Bachelor
Y'a cinq, six, sept ans, j'étais un branleur. Aujourd'hui, je le suis toujours. D'une manière plus subtile mais pas forcément plus respectable. Bref, à l'époque (j'ai pas peur d'utiliser cette formule car j'parle d'un temps qui n'existera plus jamais), j'étais ce qu'on appelle un peu perché. Un exemple? Je n'ai aucune anecdote à raconter à propos de mes années fac. Certes, j'ai profité de cette période pour rouler des pelles à deux ou trois meufs dans des couloirs comme j'aurais pu le faire au collège si j'avais compris que le 501 était une arme et le survêtement à pressions Champion USA un piège à rien du tout. Certes, j'ai triché à TOUS les partiels et ma soeur qui était par ailleurs ma prof dans une "matière", était une lâche complice de cet acte immoral. Son sens de la famille l'a poussée des tas de fois à m'envoyer des sms où grouillaient des paragraphes entiers de bonnes idées. Certes, j'ai passé des après-midis collés aux basques (il s'agissait d'Adidas Gazelle en l'occurrence) de mon frère, qui m'a indiqué les meilleures adresses de sandwiches thon-mayonnaise. Il m'a aussi précisé que "laformuleavec1boisson+1sandwich+1dessertvautpluslecoup". On sait très bien tous les deux que le coup d'envoi de notre déchéance physique a commencé le jour où il a mis ça dans mon crâne et dans sa bouche. Mais après le certes, il y a toujours un mais.
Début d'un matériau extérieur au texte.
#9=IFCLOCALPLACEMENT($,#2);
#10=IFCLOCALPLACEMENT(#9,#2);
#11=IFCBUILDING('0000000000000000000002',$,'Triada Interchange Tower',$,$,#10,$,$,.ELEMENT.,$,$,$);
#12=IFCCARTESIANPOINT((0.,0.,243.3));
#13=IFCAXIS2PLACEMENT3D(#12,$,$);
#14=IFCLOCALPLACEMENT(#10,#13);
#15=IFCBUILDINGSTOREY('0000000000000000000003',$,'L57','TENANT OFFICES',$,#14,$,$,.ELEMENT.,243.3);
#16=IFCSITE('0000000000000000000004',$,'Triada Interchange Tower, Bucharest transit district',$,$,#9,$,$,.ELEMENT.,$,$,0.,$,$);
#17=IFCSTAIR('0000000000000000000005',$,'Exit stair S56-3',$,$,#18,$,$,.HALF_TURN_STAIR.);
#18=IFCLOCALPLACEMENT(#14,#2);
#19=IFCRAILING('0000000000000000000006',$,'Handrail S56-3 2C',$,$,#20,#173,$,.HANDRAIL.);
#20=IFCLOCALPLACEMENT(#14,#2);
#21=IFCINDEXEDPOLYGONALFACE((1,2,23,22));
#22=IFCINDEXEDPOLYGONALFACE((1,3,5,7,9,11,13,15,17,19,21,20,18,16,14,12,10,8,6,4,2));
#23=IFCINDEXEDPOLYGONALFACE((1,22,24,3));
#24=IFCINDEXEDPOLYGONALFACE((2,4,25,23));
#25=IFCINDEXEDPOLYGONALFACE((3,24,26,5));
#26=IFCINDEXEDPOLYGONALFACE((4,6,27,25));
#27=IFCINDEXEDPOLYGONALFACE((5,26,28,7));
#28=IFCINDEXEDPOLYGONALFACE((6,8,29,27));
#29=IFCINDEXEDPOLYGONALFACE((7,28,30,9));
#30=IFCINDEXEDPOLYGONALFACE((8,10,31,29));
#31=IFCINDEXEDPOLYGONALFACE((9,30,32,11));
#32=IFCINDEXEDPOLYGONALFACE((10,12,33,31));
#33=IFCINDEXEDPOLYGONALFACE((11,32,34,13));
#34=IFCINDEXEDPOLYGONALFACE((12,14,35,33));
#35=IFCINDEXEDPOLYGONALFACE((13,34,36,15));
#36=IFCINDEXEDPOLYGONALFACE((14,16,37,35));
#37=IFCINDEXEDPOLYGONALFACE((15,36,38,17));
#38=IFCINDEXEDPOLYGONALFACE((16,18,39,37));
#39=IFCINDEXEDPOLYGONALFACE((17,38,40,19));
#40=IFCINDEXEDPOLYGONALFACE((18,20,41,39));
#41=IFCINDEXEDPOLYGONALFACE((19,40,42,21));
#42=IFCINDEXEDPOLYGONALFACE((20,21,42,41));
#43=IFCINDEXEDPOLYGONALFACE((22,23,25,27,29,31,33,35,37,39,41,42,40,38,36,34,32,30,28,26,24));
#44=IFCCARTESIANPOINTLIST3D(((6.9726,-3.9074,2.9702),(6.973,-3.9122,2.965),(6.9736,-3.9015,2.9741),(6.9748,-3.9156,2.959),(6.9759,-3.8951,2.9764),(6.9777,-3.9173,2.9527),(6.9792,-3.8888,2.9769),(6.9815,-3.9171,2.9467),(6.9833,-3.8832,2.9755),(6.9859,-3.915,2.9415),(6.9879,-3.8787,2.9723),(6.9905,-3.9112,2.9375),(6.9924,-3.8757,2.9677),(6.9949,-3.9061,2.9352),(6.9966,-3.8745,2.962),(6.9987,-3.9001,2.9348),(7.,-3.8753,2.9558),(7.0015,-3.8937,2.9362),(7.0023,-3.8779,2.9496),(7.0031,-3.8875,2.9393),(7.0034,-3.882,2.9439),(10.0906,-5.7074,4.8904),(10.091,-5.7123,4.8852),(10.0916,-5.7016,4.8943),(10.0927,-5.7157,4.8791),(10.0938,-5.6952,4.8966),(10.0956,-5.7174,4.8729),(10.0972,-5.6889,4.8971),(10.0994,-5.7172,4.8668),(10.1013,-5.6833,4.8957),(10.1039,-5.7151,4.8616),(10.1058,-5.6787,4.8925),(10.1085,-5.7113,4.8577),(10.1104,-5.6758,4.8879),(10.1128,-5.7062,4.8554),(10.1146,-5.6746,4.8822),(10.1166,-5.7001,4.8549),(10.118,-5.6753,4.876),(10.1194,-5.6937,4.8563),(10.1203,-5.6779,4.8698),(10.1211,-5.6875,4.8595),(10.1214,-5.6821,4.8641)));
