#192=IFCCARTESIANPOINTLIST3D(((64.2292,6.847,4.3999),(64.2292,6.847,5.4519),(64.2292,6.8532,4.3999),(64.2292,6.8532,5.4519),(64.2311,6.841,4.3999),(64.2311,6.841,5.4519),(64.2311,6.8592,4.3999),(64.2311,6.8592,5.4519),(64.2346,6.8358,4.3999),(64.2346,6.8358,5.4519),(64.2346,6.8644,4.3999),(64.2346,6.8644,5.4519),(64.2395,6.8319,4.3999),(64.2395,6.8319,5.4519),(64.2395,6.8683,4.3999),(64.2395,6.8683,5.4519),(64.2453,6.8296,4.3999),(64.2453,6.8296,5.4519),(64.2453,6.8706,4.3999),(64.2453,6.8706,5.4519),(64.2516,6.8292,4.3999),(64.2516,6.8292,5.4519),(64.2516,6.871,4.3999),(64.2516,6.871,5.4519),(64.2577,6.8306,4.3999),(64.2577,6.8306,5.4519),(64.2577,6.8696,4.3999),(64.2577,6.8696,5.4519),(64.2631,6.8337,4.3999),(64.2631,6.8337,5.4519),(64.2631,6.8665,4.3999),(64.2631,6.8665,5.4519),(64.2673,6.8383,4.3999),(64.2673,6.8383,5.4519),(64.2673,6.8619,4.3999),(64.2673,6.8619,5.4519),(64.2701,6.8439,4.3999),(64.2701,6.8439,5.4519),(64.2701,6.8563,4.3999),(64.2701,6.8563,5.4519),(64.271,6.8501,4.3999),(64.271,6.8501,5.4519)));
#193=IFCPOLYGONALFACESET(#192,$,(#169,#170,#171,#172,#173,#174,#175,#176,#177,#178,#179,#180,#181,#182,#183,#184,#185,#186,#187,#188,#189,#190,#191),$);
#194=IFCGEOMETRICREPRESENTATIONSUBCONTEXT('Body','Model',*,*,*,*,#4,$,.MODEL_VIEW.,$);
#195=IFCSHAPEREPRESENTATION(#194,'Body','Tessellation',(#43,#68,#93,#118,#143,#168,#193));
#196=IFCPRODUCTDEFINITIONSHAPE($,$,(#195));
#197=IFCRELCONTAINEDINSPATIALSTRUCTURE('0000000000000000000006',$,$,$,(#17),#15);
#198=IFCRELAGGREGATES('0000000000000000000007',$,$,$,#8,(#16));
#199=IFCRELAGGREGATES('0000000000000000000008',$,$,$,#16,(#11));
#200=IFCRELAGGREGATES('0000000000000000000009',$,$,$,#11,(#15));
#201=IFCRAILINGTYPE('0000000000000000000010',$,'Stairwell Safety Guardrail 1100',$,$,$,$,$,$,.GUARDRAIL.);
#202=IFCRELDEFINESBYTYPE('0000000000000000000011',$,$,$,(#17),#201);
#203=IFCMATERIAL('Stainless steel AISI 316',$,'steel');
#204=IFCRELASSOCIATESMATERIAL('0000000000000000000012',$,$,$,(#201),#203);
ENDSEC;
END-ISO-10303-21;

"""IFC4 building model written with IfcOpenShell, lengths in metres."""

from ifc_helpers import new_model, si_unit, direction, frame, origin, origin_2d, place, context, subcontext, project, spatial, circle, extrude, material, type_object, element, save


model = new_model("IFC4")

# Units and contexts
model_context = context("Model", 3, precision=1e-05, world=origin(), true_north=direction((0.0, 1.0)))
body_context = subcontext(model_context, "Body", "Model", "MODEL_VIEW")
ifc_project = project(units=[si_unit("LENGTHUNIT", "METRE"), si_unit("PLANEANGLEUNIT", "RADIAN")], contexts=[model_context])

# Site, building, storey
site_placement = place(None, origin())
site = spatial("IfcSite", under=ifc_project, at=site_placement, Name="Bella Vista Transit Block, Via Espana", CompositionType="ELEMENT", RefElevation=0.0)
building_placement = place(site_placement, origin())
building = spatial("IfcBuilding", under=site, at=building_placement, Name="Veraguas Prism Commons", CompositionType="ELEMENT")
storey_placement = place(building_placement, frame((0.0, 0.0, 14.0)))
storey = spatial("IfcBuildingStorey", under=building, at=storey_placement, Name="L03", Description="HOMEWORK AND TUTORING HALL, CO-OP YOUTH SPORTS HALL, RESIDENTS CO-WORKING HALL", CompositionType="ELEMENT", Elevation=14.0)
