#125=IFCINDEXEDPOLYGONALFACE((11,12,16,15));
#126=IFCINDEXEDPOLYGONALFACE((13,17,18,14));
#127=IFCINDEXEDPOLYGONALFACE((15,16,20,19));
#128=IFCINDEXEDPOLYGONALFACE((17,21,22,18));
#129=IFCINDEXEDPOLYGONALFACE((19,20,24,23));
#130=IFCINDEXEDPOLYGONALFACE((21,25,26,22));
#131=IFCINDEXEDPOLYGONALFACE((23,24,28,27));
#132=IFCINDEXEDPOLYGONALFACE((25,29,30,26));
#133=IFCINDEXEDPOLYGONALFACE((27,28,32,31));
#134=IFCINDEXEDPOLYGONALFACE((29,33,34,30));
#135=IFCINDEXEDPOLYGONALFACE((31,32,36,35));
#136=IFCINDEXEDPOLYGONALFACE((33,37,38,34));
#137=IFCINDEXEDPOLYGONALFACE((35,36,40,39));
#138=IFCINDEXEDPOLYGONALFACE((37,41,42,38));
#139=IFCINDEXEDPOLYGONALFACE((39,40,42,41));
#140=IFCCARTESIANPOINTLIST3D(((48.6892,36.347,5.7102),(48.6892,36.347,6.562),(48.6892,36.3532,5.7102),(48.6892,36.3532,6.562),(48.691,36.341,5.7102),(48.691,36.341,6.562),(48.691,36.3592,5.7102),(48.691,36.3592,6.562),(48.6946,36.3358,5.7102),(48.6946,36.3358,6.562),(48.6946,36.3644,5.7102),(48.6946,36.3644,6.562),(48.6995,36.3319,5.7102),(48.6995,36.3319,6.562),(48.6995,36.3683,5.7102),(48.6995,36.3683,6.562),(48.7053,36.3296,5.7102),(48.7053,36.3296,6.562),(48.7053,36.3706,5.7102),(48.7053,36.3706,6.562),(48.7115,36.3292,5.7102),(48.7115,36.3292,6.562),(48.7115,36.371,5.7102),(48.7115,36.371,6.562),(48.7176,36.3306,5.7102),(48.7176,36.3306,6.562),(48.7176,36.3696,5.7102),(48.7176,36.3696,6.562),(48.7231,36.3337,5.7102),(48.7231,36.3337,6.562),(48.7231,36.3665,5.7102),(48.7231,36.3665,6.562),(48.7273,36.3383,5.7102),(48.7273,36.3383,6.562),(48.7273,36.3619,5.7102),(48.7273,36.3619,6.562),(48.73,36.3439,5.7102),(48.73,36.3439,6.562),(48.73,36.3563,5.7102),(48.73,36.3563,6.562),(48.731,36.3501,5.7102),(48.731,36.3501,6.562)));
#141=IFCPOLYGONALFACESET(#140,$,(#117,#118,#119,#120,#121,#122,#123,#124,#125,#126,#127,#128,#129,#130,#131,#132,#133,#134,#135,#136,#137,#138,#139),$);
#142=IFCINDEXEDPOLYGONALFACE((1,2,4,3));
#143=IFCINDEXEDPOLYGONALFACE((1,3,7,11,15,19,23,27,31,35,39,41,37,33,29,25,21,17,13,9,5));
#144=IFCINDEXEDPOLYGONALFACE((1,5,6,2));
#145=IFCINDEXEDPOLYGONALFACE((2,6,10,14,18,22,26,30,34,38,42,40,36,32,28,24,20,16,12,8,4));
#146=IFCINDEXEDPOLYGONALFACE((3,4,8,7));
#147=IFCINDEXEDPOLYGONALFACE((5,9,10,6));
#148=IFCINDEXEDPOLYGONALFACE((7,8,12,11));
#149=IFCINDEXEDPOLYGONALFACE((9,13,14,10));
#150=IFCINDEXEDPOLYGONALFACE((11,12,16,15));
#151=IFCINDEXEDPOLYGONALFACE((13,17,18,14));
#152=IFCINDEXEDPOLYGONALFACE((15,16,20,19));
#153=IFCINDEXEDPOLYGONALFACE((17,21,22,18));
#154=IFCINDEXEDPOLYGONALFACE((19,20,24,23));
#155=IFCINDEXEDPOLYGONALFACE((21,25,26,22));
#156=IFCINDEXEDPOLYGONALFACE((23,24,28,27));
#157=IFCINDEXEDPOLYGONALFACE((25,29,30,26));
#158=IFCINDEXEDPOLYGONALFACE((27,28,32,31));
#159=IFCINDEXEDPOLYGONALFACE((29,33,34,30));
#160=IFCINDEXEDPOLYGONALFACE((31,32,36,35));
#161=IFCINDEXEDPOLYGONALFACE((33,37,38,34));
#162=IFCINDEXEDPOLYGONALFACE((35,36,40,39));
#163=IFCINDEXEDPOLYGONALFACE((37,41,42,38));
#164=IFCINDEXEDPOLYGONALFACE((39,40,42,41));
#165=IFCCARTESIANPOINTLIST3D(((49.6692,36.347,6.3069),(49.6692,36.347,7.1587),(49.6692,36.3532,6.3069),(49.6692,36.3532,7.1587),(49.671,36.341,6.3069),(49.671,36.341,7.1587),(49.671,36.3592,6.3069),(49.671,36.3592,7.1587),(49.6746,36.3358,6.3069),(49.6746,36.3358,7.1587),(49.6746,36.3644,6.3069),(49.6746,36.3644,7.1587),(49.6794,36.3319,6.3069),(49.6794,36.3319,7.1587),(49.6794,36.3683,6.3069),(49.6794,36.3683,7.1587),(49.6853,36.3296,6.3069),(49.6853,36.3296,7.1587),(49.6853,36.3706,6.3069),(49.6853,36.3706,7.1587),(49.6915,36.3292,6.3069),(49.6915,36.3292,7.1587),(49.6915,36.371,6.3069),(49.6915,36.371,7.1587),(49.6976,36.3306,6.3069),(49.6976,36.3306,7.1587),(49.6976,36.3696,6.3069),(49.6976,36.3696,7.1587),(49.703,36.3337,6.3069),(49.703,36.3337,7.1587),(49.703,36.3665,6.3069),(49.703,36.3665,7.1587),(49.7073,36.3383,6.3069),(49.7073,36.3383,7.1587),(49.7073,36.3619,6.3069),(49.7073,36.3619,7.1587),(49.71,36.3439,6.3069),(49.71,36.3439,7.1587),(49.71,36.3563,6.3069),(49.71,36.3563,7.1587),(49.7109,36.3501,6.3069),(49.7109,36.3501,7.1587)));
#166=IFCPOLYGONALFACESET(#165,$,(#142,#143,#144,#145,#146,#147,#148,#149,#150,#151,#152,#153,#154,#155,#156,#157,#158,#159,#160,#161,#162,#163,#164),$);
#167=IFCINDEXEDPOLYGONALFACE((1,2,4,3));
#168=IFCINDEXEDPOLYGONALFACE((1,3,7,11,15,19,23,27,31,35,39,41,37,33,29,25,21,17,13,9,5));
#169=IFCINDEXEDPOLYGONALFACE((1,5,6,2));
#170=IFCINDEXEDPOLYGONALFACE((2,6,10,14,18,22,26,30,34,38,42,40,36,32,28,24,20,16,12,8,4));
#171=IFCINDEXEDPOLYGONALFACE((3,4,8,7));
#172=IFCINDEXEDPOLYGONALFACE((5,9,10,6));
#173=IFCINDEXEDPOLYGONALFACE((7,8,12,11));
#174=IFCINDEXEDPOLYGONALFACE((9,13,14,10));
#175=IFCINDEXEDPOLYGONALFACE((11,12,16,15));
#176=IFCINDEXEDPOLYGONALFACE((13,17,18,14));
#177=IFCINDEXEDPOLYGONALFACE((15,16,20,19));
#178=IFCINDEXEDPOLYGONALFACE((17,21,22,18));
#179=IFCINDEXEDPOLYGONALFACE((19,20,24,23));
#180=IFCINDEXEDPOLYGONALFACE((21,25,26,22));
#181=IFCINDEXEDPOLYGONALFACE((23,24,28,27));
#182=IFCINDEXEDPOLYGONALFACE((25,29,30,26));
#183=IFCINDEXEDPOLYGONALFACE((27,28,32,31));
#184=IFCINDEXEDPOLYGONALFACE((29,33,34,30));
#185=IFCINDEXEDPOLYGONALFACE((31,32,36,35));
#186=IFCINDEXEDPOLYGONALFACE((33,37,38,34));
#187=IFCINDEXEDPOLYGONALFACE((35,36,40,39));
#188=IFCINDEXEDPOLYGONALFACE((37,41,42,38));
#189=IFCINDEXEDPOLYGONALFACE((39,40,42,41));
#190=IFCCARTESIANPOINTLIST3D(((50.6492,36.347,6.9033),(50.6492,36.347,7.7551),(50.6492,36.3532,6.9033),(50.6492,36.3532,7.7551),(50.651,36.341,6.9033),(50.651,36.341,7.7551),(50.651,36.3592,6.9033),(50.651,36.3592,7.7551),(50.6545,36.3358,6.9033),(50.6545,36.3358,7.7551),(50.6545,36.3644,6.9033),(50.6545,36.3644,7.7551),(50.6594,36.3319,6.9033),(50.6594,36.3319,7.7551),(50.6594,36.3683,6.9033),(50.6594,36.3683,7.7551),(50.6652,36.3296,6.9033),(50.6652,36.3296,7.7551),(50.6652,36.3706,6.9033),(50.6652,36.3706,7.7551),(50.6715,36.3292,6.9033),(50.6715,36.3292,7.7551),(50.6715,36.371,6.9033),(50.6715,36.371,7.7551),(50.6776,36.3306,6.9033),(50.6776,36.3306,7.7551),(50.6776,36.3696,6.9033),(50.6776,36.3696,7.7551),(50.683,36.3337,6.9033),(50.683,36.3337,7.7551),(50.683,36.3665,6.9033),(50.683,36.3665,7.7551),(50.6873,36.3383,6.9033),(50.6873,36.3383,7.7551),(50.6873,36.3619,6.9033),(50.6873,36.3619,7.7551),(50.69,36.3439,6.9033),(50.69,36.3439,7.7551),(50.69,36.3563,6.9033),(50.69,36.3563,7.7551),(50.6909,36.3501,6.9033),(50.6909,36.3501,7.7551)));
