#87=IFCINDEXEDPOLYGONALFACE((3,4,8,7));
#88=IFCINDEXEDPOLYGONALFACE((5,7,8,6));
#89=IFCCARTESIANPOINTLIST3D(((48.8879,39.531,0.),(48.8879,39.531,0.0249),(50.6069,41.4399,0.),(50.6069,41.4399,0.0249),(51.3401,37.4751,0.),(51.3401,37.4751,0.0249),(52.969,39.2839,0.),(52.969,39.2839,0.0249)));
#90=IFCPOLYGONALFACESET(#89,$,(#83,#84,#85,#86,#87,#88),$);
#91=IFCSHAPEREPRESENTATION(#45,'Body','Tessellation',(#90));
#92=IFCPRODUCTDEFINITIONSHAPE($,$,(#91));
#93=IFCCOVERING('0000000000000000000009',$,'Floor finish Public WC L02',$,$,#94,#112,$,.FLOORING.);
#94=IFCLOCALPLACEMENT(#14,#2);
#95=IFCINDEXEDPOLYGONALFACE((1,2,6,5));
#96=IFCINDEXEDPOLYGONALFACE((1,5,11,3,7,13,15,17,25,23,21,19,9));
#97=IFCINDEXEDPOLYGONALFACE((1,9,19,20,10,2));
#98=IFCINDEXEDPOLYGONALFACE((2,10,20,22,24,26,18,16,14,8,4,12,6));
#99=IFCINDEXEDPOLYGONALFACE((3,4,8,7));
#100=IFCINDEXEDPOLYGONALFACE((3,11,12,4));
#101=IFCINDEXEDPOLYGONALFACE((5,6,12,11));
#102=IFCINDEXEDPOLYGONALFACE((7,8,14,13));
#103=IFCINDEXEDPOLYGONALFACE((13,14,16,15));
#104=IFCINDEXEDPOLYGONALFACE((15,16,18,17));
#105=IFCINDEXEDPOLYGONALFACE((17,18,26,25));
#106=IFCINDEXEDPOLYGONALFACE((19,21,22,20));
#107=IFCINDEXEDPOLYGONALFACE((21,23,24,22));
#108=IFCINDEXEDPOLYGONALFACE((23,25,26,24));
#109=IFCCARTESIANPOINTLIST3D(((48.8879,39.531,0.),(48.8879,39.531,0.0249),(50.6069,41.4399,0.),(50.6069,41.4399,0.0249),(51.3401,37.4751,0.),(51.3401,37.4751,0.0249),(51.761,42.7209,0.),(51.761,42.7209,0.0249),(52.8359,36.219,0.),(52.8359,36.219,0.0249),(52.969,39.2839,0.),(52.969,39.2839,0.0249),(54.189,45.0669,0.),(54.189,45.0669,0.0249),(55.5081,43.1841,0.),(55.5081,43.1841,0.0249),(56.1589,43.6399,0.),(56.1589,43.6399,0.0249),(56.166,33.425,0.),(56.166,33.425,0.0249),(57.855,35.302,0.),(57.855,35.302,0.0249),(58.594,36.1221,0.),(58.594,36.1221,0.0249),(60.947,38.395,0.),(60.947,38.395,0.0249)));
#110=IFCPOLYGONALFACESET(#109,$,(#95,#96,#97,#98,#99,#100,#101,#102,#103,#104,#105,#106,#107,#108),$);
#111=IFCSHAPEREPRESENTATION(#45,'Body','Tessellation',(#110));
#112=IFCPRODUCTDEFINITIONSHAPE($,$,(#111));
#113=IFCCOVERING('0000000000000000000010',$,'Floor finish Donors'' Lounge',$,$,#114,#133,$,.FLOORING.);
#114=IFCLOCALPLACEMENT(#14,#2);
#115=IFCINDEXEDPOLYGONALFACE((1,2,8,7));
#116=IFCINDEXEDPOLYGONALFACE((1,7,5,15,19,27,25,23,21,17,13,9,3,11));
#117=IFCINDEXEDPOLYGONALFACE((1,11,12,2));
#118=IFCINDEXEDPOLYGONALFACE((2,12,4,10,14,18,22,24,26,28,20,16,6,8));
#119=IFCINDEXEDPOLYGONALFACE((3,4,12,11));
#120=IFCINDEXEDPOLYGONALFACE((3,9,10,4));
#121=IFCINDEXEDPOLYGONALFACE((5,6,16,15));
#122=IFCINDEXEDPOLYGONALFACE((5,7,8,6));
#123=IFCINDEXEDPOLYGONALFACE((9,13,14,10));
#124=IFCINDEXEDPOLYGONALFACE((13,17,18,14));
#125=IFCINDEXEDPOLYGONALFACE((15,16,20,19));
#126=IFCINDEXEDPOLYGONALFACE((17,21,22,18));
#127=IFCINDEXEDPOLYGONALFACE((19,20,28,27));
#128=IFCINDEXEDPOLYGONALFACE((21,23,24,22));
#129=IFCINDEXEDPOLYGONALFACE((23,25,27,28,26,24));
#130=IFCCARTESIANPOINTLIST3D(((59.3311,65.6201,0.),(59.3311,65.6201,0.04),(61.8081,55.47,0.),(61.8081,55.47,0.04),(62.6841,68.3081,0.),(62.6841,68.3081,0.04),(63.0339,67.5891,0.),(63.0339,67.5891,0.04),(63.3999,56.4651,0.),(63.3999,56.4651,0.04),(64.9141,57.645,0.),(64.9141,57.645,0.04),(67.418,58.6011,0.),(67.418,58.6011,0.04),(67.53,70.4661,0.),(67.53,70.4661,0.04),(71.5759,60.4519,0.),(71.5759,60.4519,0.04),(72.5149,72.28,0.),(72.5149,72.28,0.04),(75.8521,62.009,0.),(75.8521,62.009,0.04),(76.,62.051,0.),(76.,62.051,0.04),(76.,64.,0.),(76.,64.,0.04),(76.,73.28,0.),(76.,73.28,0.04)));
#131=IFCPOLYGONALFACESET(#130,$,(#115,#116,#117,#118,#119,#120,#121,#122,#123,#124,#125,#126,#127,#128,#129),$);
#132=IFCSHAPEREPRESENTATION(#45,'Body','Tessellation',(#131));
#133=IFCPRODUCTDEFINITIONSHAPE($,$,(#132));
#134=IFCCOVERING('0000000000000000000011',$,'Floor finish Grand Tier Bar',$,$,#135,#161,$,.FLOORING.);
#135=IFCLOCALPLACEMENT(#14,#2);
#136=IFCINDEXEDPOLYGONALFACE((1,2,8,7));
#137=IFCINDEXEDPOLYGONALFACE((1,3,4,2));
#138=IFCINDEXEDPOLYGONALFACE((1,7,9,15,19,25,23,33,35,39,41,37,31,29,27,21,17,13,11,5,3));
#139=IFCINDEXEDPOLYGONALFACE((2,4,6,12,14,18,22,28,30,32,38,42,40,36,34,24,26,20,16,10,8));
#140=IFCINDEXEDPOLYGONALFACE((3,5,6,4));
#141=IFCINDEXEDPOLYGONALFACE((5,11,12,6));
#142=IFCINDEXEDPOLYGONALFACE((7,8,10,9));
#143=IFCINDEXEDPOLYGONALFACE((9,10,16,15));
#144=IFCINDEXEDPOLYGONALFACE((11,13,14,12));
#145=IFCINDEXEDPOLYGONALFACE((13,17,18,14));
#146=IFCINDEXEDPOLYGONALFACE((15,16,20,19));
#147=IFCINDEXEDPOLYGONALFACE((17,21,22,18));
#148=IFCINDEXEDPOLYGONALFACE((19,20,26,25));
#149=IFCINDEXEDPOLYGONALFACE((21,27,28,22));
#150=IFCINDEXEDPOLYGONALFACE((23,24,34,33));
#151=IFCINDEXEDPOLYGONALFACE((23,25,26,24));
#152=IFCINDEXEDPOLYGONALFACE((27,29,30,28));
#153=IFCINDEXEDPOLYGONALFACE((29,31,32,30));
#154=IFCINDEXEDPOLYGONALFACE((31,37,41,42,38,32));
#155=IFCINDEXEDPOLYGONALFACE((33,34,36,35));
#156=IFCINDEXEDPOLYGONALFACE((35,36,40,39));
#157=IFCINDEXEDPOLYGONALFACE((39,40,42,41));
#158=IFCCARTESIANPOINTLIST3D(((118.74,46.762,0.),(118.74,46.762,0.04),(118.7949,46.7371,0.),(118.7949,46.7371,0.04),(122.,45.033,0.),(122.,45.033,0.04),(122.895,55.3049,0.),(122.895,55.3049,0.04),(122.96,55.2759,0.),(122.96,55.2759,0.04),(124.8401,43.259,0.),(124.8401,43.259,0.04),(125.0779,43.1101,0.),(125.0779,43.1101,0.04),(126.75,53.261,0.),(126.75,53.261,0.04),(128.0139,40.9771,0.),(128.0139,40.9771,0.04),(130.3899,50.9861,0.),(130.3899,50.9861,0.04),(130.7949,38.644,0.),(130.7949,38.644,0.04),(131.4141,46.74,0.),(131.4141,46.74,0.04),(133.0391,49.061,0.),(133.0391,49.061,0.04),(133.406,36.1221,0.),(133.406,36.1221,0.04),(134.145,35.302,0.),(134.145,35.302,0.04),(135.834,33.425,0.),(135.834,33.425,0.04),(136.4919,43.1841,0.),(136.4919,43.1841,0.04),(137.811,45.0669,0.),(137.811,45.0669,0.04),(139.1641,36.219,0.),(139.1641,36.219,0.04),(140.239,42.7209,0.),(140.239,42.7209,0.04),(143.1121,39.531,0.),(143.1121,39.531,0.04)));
D'autant que la vérité, c'est qu'on m'a menti sur toute la ligne concernant une université qui n'a de classe que le nom. Comme des millions de couillons de Français, j'ai été puni par la force des teen movies. J'avais mon bac et les mains dans les poches, je m'amusais avec des potes, de l'alcool ou du sport - parfois les trois en même temps - et mangeais les bons plats de ma mère sans m'en lasser. La belle vie avant la très belle vie, voilà c'que j'me disais.
Merde, je voulais avoir la cote avec les cheerleaders, boire des bières chez le quarterback de l'équipe de football et victimiser les membres du club d'échecs. Au lieu de ça, j'ai eu la Rover 111 prêtée par mes parents, la poudre aux yeux sociale et la débauche pas très glorieuse. Ma gueule avait beau être en totale inadéquation avec l'endroit où je me trouvais, j'y suis resté, car ce qui devait se passer allait bientôt se passer. J'attends encore. Et si je me balade quelques années plus tard sans chapeau, bonnet ou casquette, ce n'est pas par goût ou amour de ma chevelure lambda. J'attends simplement qu'on me donne ce pour quoi j'étais venu : la square academic cap. Et si LUI a eu le droit d'en avoir, je ne peux pas croire que je n'en mérite pas une.